When the Netflix royal drama The Crown came out in November, “my husband and I abandoned our usual weekend plans”, said Janice Turner in The Times. Watching endless TV “was once the mark of the saddo”, but since launching its on-demand streaming service, “Netflix has achieved something quite strange: it has made couch potatoes cool”. That much is evident from the $63bn company’s latest quarterly figures, which show that it is close to notching up 100 million members globally, said Jennifer Saba on Reuters Breakingvi­ews. Still, the slowing pace of subscriber growth worries some investors, given the company’s lavish spending on new production­s: “Netflix will blow through at least $6bn this year on creating TV series and films.” Meanwhile, the competitio­n from deep-pocketed rivals such as AT&T, Google and Amazon has proliferat­ed “and will only intensify”. Netflix, which was founded in 1997, has “a good head start” and remains the most widely used video service in the US. But even if all goes “perfectly to plan”, the share price, which is reapproach­ing the $148 all-time high achieved in March, are looking pricey. CEO Reed Hastings hasn’t disappoint­ed up to now, “but he knows all too well how easily the plots of good stories can twist unexpected­ly”.

Jaeger: fashion victim

It is not yet two weeks since the British fashion house Jaeger crashed into administra­tion, with the threatened loss of 700 jobs, said Ashley Armstrong in The Daily Telegraph. But the recriminat­ions have already begun. The chain’s former owner, fashion entreprene­ur Harold Tillman, “has reignited his bitter row” with the turnaround firm Better Capital, which took over in 2012, accusing it of running the chain into the ground. “They didn’t have anyone with a fashion background running it, they didn’t understand [the] product,” he said. Founded in 1884 as “Dr Jaeger’s Sanitary Woollen System Co Ltd”, Jaeger flourished in the 1960s and 1970s, but “sales have withered as its customer base has grown older”, said The Economist. Age isn’t the only problem, said Kate Burgess in the Financial Times. “Jaeger’s crepe skirts and tweed trews hark back to a time when adults wore plimsolls to play tennis, and only schoolkids wore gym kits.” Today’s grannies, by contrast, “wear trackies and yoga pants, just like their grandkids”. The juxtaposit­ion of Jaeger’s collapse and the 82% rise in pre-tax profits reported by JD Sports “says a lot about what has happened to the high street over recent decades”.

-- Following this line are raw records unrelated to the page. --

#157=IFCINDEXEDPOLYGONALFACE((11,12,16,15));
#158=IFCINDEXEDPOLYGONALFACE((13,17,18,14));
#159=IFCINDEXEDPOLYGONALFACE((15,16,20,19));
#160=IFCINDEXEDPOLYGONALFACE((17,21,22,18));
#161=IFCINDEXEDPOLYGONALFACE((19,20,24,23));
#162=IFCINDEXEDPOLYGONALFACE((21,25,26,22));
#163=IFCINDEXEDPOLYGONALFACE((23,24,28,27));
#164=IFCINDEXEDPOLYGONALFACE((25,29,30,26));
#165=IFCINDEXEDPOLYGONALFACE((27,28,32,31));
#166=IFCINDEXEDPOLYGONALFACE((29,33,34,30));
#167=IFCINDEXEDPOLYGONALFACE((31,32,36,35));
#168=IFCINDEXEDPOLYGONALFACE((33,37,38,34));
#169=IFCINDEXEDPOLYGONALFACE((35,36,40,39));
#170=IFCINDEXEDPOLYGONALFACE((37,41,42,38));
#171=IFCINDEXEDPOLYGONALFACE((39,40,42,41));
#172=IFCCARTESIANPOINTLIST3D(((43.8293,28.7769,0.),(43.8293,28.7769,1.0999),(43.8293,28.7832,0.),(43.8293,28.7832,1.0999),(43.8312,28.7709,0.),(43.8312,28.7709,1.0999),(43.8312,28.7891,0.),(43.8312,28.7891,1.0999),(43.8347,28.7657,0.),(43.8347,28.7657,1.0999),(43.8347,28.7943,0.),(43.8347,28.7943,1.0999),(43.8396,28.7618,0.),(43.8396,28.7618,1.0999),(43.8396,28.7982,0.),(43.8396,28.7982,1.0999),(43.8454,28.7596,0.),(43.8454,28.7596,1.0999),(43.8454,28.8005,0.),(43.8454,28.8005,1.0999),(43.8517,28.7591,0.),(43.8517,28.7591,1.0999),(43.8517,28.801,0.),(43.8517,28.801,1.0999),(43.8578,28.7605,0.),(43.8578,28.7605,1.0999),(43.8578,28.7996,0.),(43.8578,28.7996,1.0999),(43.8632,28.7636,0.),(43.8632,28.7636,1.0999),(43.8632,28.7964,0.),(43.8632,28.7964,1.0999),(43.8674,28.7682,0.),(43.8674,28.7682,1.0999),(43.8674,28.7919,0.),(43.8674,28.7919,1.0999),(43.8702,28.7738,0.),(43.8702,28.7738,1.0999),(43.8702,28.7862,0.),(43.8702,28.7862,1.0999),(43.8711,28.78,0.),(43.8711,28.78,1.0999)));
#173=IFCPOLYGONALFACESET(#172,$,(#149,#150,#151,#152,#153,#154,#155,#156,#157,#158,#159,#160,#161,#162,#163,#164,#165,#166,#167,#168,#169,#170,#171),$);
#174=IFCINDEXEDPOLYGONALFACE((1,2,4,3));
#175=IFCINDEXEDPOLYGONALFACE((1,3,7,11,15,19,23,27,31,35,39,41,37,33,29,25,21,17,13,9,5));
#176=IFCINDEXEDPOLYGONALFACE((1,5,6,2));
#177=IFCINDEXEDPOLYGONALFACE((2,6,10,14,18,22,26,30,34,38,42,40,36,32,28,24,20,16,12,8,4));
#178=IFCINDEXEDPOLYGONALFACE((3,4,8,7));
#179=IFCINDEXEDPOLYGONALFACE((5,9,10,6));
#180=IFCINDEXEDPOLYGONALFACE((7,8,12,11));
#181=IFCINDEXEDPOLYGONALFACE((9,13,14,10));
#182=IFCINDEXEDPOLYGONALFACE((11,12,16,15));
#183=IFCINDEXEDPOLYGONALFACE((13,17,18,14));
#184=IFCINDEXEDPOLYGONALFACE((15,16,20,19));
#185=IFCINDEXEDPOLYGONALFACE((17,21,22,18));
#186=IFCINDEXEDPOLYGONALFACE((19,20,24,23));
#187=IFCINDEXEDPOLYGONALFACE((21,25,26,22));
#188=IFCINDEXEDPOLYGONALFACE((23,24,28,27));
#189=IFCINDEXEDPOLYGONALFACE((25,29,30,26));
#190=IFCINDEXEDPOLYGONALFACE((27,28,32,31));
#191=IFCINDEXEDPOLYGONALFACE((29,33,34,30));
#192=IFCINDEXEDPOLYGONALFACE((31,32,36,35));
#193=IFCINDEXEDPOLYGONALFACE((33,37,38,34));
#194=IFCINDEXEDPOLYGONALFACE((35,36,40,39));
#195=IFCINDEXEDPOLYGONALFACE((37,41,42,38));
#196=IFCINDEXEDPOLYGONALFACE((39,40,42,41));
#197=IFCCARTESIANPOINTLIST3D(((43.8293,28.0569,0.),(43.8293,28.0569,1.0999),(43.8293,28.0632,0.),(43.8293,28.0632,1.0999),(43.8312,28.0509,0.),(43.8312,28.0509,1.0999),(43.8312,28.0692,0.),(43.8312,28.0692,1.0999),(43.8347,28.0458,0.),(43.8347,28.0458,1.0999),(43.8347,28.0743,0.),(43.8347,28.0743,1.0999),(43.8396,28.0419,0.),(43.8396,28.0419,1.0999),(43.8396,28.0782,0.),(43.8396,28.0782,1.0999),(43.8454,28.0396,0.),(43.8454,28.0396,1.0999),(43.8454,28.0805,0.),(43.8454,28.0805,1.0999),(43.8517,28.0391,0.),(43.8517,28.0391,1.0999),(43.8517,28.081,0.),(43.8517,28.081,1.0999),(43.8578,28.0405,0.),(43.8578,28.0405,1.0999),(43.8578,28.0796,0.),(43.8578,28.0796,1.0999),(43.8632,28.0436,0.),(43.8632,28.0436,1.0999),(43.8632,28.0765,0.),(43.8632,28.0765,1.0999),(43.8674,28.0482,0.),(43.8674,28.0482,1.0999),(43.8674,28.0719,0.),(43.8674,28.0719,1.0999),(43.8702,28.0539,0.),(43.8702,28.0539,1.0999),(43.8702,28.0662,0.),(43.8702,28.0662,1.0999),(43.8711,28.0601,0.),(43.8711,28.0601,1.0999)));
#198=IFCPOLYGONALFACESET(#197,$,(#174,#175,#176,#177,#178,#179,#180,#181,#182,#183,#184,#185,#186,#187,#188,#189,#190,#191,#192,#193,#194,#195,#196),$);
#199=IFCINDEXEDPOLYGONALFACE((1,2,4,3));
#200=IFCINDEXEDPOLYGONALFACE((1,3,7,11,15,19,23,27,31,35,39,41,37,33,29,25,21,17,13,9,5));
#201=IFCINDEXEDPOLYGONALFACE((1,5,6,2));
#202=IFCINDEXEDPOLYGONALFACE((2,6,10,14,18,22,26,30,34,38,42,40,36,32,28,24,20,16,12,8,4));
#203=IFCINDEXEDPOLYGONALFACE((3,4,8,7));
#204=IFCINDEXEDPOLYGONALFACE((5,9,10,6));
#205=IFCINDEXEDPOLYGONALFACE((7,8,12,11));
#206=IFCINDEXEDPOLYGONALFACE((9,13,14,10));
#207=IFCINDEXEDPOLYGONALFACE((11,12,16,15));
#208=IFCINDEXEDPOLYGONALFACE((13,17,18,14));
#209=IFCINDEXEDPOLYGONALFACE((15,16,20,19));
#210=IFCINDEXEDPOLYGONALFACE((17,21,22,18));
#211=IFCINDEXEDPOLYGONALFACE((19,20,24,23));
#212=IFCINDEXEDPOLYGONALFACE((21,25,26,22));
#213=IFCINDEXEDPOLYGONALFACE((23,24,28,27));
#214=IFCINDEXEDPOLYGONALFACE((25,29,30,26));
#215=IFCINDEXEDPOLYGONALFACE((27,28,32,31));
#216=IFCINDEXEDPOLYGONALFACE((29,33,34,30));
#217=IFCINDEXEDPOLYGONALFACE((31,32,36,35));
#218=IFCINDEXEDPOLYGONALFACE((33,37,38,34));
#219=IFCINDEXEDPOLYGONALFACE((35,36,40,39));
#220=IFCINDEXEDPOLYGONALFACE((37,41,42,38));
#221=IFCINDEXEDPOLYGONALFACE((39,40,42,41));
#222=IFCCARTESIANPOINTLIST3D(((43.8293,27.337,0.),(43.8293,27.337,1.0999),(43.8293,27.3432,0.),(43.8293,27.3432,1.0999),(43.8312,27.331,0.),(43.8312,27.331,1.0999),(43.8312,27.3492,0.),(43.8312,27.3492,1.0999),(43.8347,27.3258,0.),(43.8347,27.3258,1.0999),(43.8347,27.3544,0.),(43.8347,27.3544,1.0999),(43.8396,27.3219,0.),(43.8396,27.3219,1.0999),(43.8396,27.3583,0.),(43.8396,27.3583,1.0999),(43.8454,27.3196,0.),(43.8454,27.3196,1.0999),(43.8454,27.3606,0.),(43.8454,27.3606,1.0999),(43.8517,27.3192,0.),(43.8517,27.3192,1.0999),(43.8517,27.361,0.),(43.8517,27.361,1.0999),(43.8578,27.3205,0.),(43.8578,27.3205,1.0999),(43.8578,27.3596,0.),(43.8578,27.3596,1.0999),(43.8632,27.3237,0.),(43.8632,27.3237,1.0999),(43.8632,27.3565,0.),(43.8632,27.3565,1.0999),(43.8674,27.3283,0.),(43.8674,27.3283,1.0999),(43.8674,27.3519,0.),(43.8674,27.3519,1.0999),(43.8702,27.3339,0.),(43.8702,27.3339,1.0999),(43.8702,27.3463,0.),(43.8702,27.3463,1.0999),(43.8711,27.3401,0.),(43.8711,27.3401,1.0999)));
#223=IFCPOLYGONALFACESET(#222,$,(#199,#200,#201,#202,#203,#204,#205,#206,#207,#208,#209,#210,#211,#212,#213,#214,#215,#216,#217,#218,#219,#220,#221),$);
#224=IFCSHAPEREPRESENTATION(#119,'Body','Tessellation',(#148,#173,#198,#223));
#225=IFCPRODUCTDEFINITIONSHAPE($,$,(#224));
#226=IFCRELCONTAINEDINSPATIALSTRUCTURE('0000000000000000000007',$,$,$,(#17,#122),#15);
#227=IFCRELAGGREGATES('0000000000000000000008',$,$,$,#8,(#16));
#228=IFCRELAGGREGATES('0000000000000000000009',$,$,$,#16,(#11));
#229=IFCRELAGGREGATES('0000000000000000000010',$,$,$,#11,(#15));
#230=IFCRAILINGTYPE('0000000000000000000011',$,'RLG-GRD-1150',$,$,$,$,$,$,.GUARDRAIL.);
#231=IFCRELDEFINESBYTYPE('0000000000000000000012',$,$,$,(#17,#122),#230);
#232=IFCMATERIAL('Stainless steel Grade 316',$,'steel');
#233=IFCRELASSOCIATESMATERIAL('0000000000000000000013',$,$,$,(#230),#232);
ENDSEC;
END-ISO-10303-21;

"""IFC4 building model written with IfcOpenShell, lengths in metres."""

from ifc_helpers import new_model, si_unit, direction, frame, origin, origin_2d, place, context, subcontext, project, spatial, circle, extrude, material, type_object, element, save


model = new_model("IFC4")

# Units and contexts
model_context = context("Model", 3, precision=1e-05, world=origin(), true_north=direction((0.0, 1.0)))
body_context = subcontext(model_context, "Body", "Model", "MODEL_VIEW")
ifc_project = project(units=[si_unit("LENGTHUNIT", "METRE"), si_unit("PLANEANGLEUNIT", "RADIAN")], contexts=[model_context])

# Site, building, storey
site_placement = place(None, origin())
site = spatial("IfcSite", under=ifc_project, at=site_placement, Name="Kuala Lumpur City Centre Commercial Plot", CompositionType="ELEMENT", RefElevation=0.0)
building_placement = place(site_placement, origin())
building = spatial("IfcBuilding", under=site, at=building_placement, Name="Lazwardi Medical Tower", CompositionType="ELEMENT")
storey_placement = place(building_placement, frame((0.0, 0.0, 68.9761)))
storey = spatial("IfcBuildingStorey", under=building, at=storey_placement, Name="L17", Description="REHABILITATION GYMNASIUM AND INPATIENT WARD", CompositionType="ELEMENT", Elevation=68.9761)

UK wine growers: “Grape Britain”

Britain’s wine revolution continues apace, says Rebecca Smithers in The Guardian. Over the past ten years, the number of acres planted with grapevines in England and Wales has grown by 135%, according to trade body English Wine Producers. A “record” million more vines will be planted this year, “allowing growers to produce two million more bottles”. Among those planting new rootstocks are two big French champagne houses, Taittinger and Vranken-pommery Monopole, which have announced new projects in Kent and Hampshire. Sales of domestical­ly-grown wine have been on an upswing since 2000, but momentum is now being driven internatio­nally. The French have finally admitted “they like our wines”, and New York has decided that “English bubbles are the next big cool wine ‘thing’”, noted expert Oz Clarke. “We are bubbling with confidence.”